Aralarında CHP Kocaeli eski Milletvekili Bekir Yurdagül, SYKP PM üyesi Çetin Ak, EMEP Kocaeli İl Başkanı Arzu Erkan ve Petrol-İş Kocaeli eski Şube Başkanı Ali Buğdaycı’nın da bulunduğu Kocaeli Demokrasi Girişimi, zaman zaman toplumsal konularda açıklamalarda bulunuyor. Girişim, 16 nisan referandumu öncesinde milletvekillerine “hayır” yönünde oy kullanmaları için mektup yazmıştı. Sivas katliamı ile ilgili yürüyüş organize etmişti. Girişim, önceki gün de OHAL ile ilgili raporunu açıkladı. Bilindiği gibi OHAL’in birinci yılı…
**
Ülkenin 15 Temmuz darbe girişiminin ardından 1 yıldır OHAL koşullarında yönetilmeye devam edildiği, artan hak gasplarının altının çizildiği raporda Kocaeli için ayrı bir bölüm oluşturulmuş. Hazırlanan 70 sayfalık rapordan satır başlarının aktarıldığı açıklamada, raporun önümüzdeki günlerde Kocaeli’de bulunan yerel gazete ve televizyonların genel yayın yönetmenleriyle de paylaşılacağı ifade edildi.
**
Eğitim-Sen Toplantı Salonu’nda bir araya gelen Kocaeli Demokrasi Girişimi üyeleri adına açıklamayı okuyan CHP eski Kocaeli Milletvekili Bekir Yurdagül, demokrasinin enkaz altında olduğunu vurgulayarak bunları şöyle sıraladı:
ÇEŞİTLİ İŞKOLLARINDA DÖRT GREV ERTELENDİ
- Binlerce kişi hukuksuz şekilde işsiz bırakıldı. Kendileri ve aileleri açlığa mahkûm edildi. 20 Temmuz itibariyle kamu kurumlarından ihraç edilenlerin sayısı 112 bin 863 Bu sayıya özel öğretim kurumların da çalışma izni iptal edilenler de eklenince rakam 135 bin 337’e ulaşıyor. Mahkeme kararı olmadan maaşlarını ve emeklilik haklarını kaybettiler. İşlerine iade edilmeleri talebiyle açlık grevine başlayan iki kamu emekçisi Nuriye Gülmen ve Semih Özakça açlık grevlerinin 140. gününde, hapishanede ölümle pençeleşiyor.

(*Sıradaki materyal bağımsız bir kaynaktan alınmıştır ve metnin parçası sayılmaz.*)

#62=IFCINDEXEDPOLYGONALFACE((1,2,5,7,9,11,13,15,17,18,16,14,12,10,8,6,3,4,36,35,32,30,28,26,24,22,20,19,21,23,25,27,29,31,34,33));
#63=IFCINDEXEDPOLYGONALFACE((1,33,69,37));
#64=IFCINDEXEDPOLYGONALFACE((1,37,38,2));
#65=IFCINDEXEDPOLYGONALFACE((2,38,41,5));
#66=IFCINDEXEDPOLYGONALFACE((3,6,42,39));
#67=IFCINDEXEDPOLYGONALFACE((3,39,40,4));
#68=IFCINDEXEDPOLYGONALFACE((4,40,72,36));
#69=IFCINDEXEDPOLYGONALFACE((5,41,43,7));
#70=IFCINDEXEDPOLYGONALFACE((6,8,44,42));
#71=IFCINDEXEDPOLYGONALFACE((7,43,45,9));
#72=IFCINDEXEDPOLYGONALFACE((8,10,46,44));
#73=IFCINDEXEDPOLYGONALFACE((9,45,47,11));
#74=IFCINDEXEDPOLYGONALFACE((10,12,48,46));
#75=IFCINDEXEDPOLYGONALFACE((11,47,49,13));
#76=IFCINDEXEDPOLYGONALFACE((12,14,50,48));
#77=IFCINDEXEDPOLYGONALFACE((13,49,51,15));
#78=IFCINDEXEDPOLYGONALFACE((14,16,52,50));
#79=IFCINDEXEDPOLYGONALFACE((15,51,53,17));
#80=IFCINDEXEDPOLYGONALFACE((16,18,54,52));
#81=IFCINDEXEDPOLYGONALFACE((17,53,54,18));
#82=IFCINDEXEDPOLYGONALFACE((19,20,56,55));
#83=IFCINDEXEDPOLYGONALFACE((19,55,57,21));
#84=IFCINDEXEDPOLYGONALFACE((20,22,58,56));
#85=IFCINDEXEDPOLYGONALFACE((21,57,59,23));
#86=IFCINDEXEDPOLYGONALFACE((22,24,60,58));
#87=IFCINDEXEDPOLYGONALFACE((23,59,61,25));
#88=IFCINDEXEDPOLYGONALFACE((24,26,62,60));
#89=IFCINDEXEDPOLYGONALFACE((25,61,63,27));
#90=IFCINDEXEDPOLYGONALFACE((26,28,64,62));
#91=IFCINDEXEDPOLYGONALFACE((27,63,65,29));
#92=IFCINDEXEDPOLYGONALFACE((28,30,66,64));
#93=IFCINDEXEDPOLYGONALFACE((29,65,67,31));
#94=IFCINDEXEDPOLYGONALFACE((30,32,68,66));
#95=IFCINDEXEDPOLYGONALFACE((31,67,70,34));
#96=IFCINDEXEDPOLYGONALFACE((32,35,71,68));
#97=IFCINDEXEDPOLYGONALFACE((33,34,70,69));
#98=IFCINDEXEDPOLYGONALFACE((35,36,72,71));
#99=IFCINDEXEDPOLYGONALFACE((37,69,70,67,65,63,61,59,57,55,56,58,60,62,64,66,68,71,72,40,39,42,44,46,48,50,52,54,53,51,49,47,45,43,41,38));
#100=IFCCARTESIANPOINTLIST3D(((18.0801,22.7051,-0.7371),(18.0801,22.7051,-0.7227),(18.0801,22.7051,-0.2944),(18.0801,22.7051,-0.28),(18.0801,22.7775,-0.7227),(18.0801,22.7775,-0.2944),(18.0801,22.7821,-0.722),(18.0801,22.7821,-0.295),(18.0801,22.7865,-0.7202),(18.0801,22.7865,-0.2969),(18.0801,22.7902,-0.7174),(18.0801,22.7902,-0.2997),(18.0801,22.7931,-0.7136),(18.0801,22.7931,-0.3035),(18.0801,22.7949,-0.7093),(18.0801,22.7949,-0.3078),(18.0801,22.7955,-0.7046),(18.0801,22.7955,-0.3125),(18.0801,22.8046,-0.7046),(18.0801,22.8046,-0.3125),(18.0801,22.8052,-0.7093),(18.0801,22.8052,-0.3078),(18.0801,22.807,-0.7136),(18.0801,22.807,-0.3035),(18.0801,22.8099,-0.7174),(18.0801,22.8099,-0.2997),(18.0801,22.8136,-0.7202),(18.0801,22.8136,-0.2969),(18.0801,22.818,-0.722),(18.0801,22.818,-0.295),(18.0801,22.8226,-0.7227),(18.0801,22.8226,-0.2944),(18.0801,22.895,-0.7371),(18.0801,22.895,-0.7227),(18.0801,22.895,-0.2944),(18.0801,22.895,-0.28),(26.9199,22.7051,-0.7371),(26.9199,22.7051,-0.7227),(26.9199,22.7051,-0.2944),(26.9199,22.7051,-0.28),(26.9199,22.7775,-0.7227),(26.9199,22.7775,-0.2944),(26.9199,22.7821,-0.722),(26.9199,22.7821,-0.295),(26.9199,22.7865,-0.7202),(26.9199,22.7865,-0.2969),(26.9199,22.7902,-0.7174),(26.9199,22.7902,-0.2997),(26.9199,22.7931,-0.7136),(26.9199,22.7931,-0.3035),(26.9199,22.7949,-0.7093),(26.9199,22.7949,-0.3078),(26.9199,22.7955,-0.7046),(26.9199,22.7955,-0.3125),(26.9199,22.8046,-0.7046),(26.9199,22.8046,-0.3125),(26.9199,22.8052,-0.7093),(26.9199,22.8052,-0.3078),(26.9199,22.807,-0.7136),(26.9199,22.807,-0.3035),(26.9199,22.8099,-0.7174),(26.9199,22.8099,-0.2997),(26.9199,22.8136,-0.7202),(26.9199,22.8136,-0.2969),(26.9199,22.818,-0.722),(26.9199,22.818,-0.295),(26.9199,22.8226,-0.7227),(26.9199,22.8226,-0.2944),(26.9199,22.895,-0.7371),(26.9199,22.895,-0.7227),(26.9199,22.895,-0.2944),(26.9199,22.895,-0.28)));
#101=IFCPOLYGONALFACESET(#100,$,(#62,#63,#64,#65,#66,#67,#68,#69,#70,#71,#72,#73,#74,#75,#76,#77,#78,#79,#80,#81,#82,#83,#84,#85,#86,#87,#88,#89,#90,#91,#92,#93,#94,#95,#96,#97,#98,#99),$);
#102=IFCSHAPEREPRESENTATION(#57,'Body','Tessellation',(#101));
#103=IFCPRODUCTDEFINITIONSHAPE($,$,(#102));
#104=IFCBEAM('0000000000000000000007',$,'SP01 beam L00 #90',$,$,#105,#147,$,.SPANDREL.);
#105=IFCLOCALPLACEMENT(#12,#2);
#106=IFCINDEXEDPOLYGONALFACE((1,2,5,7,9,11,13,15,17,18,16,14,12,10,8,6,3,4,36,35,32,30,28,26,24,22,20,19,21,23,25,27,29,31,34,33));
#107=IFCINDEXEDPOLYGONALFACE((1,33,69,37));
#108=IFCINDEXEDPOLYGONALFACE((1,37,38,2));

- Seçme ve seçilme hakkı ihlal edildi. Anayasaya aykırı olarak Halkların Demokratik Partisi milletvekilleri ve eş başkanları Selahattin Demirtaş ve Figen Yüksekdağ tutuklandı. CHP milletvekili Enis Berberoğlu’yla birlikte 12 milletvekili hapiste bulunuyor.
-Çeşitli işkollarında dört grev ertelendi. Grev hakkı ihlal edildi.

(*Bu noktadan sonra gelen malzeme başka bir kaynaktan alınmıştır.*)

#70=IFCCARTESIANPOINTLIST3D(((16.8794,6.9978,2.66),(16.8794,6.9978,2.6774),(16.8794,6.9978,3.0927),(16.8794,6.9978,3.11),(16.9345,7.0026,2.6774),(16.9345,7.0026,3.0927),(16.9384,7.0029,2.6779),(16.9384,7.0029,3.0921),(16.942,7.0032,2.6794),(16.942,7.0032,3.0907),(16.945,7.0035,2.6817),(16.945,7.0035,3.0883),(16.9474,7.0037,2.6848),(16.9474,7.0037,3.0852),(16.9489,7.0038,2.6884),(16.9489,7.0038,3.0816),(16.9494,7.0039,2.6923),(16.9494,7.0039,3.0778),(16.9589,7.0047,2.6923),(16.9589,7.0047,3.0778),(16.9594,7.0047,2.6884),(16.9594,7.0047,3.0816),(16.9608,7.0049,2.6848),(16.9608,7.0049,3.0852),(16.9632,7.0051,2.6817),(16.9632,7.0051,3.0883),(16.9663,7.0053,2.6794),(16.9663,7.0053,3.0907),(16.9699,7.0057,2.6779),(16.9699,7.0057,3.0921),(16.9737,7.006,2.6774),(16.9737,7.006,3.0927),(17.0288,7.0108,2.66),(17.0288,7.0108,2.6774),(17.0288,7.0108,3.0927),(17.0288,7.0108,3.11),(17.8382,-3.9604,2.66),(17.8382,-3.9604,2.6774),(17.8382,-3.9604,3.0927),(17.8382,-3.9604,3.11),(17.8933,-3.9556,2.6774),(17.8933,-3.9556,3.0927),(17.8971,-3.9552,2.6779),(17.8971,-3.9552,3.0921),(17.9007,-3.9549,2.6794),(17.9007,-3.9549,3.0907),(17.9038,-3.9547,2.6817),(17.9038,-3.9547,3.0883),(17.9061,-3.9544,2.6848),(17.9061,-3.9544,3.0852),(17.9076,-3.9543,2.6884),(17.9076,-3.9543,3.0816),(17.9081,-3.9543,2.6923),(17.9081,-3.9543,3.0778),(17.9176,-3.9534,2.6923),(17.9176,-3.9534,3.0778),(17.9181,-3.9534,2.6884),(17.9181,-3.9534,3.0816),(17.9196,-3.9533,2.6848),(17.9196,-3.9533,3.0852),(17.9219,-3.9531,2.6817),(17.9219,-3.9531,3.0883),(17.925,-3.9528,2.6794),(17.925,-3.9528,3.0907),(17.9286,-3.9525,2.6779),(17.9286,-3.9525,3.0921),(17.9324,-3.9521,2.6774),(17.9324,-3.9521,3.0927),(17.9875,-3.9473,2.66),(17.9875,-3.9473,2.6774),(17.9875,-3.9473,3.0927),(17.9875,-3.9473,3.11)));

-15 üniversite kapatıldı, KHK’larla 5 bin 644 akademisyenin işine son verildi; üniversitelerde çalışanlar dâhil edildiğinde bu rakam 7 bin 800 kişiyi aştı.
- Seçilmiş Yerel Yöneticiler görevden alınarak, cezaevlerine konuldu ve yerlerine seçilmemiş kişiler atandı. Kayyum atanan Belediye sayısı 86’ye ulaştı.
- Malvarlıklarına hukuksuz biçimde el kondu. KHK’lar kapsamında Türkiye'nin 43 ilinden toplam 965 şirkette kayyumlar Tasarruf Mevduatı Sigorta Fonuna (TMSF) devredildi, 107 gerçek kişinin malvarlıklarına da kayyum olarak TMSF getirildi.
-Binlerce kişi gözaltına alındı. Gözaltına alınanların avukat görüşleri sınırlandı. İşkence ve kötü muamele yaygınlaştı. Adalet Bakanı Bekir Bozdağ 7 Temmuz 2017’de yaptığı açıklamada, 15 Temmuz'dan sonraki süreçte, 168.801 kişi hakkında adli işlem yapıldığını söyledi.
-Kadınlara karşı hak ihlallerinde artış yaşandı. Hak arama kanalları tıkandı. KHK’lar ile 50’yi aşkın kadın sivil toplum kuruluşu kapatıldı. KHK’lar ile kamu kurumlarından ihraç edilenlerin yüzde 20’sini kadınlar oluşturdu. Kadın cinayetlerinde artış ve nitelik değişikliği dikkat çekti.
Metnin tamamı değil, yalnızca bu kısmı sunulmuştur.